As soon as my father became a citizen in the 1980s, he started the process of sponsoring family members so they could come to this country. Uncle Ba, who had emerged young but white-haired from the re-education camp, crossed the Killing Fields with his wife and two of his sons to reach a Thai refugee camp, where they contacted my father so he could sponsor them. One of my cousins was in a ship en route to a refugee camp when it was attacked by pirates; he survived and made it to the States. Other family members soon came, all sponsored by my father, and spread throughout the country: California, Massachusetts, Texas, and South Carolina. My family has prospered here. They are pharmacists, small business owners, and software engineers. They are now United States citizens; they pay their taxes; they pursue higher education; they care for their families.
But I don’t want to emphasize the idea of exceptionalism. The model minority myth remains a dangerous and harmful one.

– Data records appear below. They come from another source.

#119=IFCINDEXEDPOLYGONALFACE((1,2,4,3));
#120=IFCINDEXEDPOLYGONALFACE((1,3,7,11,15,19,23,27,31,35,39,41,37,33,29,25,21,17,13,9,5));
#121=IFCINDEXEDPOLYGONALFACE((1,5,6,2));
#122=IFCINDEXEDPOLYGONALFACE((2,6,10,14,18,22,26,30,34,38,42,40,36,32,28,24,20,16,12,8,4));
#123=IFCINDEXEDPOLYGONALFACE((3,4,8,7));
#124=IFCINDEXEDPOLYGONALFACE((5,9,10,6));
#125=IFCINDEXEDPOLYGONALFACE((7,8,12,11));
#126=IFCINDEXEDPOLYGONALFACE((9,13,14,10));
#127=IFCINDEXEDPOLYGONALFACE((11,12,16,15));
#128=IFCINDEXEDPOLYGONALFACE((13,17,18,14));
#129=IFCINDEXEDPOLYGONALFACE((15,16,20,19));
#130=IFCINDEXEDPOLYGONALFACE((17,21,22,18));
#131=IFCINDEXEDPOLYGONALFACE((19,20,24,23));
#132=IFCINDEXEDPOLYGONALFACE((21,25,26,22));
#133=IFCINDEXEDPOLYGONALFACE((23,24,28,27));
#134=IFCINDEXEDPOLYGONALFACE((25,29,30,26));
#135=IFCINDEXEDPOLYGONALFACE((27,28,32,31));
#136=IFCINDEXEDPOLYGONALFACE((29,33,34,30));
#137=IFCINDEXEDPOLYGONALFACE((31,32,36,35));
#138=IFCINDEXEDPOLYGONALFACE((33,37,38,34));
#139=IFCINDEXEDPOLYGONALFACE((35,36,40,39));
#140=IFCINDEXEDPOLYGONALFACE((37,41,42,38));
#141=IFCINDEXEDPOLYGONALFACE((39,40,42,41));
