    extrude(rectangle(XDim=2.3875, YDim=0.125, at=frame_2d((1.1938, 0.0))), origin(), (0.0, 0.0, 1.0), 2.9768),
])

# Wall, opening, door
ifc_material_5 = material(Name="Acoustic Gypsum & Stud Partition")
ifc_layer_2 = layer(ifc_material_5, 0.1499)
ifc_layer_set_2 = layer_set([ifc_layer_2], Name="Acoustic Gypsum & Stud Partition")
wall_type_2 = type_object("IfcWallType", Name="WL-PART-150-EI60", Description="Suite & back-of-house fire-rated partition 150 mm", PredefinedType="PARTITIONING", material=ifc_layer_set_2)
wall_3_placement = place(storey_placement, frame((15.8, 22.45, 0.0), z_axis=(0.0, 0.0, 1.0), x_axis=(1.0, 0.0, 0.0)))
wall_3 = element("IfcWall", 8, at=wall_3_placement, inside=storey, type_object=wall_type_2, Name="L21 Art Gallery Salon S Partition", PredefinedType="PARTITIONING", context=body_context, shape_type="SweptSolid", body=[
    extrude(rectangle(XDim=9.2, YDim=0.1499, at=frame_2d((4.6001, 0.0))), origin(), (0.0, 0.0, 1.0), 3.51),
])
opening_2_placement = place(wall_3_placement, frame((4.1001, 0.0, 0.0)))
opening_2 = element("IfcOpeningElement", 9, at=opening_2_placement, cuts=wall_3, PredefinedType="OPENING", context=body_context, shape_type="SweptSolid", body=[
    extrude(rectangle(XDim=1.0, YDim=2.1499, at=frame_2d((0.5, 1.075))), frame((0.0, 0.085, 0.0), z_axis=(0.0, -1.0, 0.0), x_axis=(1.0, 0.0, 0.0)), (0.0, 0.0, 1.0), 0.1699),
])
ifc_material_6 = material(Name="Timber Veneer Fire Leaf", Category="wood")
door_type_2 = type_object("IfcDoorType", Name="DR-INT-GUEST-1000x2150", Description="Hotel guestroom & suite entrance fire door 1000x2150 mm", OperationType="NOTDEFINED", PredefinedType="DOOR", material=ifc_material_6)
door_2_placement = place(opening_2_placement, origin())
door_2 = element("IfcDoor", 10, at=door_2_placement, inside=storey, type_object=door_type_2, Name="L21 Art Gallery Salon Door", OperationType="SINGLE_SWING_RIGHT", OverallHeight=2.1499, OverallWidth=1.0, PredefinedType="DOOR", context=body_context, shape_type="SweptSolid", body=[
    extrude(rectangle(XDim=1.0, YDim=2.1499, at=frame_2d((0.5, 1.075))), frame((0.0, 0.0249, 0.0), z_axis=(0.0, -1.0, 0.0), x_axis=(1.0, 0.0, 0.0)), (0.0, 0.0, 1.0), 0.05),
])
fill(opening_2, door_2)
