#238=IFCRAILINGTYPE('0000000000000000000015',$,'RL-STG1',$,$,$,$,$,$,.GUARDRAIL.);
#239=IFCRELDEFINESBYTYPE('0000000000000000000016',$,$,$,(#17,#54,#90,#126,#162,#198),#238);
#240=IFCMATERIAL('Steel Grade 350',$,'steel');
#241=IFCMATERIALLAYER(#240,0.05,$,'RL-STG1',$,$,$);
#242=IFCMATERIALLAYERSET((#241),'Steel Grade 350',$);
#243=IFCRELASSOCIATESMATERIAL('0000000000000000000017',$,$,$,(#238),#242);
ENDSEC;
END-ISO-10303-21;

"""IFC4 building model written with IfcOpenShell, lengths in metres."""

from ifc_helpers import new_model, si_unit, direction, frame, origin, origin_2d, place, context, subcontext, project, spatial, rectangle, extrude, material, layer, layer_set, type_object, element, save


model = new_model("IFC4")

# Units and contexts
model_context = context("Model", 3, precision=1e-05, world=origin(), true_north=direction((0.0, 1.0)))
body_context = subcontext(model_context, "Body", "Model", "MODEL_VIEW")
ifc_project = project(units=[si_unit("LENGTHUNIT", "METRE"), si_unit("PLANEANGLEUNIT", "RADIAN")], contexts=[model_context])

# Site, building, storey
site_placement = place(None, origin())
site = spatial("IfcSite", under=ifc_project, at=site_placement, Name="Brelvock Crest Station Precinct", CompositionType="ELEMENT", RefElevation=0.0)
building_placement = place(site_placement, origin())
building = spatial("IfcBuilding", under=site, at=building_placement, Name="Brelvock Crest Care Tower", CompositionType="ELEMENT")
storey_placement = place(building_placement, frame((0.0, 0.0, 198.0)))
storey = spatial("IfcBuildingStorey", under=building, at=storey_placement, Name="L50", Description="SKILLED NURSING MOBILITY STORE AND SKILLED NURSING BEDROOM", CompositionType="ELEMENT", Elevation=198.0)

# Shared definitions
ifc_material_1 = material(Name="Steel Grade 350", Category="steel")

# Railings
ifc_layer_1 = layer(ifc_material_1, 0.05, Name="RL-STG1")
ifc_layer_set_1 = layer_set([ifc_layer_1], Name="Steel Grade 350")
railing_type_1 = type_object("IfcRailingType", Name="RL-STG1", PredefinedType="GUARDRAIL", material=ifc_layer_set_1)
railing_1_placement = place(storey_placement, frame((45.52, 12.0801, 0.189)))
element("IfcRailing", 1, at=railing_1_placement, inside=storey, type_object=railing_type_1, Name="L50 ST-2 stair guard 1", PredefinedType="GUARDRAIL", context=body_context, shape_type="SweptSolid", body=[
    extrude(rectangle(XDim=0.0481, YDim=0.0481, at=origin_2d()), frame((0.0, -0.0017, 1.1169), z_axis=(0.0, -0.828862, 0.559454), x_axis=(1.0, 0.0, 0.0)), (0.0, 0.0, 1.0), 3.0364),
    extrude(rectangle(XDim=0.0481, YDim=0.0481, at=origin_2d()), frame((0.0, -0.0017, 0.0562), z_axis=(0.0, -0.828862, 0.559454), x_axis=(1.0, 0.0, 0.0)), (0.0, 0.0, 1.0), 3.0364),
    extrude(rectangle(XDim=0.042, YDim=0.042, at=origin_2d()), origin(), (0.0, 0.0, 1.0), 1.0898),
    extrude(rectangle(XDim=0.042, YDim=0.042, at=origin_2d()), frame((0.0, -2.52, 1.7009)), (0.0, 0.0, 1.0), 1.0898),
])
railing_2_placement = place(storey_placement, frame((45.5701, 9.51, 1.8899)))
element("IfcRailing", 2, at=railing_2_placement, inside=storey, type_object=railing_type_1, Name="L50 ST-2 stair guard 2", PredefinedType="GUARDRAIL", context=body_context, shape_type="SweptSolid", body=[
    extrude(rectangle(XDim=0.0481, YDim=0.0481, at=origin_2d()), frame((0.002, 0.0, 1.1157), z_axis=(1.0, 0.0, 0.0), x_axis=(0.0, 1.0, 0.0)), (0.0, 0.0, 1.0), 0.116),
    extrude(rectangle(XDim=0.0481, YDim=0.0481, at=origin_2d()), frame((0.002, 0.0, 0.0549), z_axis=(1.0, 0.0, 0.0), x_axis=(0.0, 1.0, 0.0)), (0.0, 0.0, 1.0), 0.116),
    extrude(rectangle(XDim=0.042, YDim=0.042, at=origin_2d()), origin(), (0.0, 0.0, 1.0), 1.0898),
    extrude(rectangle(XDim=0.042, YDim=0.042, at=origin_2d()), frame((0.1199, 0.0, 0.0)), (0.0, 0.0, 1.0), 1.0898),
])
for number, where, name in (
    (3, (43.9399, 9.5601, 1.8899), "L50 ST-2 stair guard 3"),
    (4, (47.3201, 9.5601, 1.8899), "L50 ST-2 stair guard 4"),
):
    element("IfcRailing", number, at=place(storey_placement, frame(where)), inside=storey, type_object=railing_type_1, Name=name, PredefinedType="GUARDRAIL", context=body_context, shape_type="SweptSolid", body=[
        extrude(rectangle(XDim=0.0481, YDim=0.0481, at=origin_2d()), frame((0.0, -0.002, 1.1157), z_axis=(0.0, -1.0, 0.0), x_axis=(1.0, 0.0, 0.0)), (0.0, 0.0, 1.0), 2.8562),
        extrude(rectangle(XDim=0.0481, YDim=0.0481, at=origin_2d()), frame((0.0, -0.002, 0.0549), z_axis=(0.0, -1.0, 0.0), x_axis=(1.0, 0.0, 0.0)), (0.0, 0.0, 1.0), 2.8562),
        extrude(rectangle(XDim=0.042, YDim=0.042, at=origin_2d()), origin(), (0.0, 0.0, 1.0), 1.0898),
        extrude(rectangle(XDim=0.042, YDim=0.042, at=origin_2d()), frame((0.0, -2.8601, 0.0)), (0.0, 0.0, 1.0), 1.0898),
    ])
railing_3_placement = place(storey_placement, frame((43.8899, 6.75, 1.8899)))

Refugees, no matter their education or status, are people: they laugh, they cry, they bleed, they breathe. They are my family, my neighbors, and my friends. What would have happened if the senators from Tennessee had not intervened for my father and he was sent back to Vietnam? My mother would have raised my brother without my father’s support, and my sister and I never would have been born. What would have happened if my Uncle Ba and his immediate family had gotten to the refugee camp and not had a sponsor? They would have been turned away and been left to the Khmer Rouge soldiers at the Cambodian border.
They live, they breathe, they hope. My family fled danger in pursuit of a better life for their children and themselves - not because they wanted an easy way out, but because they had no other choice. I will continue to tell my parents’ and my family’s story as long as I can, not because my family is exceptional (though I believe they are), but because these stories are far more ordinary than many would believe.
A previous version of this piece was published by Unsweetened Magazine in 2017.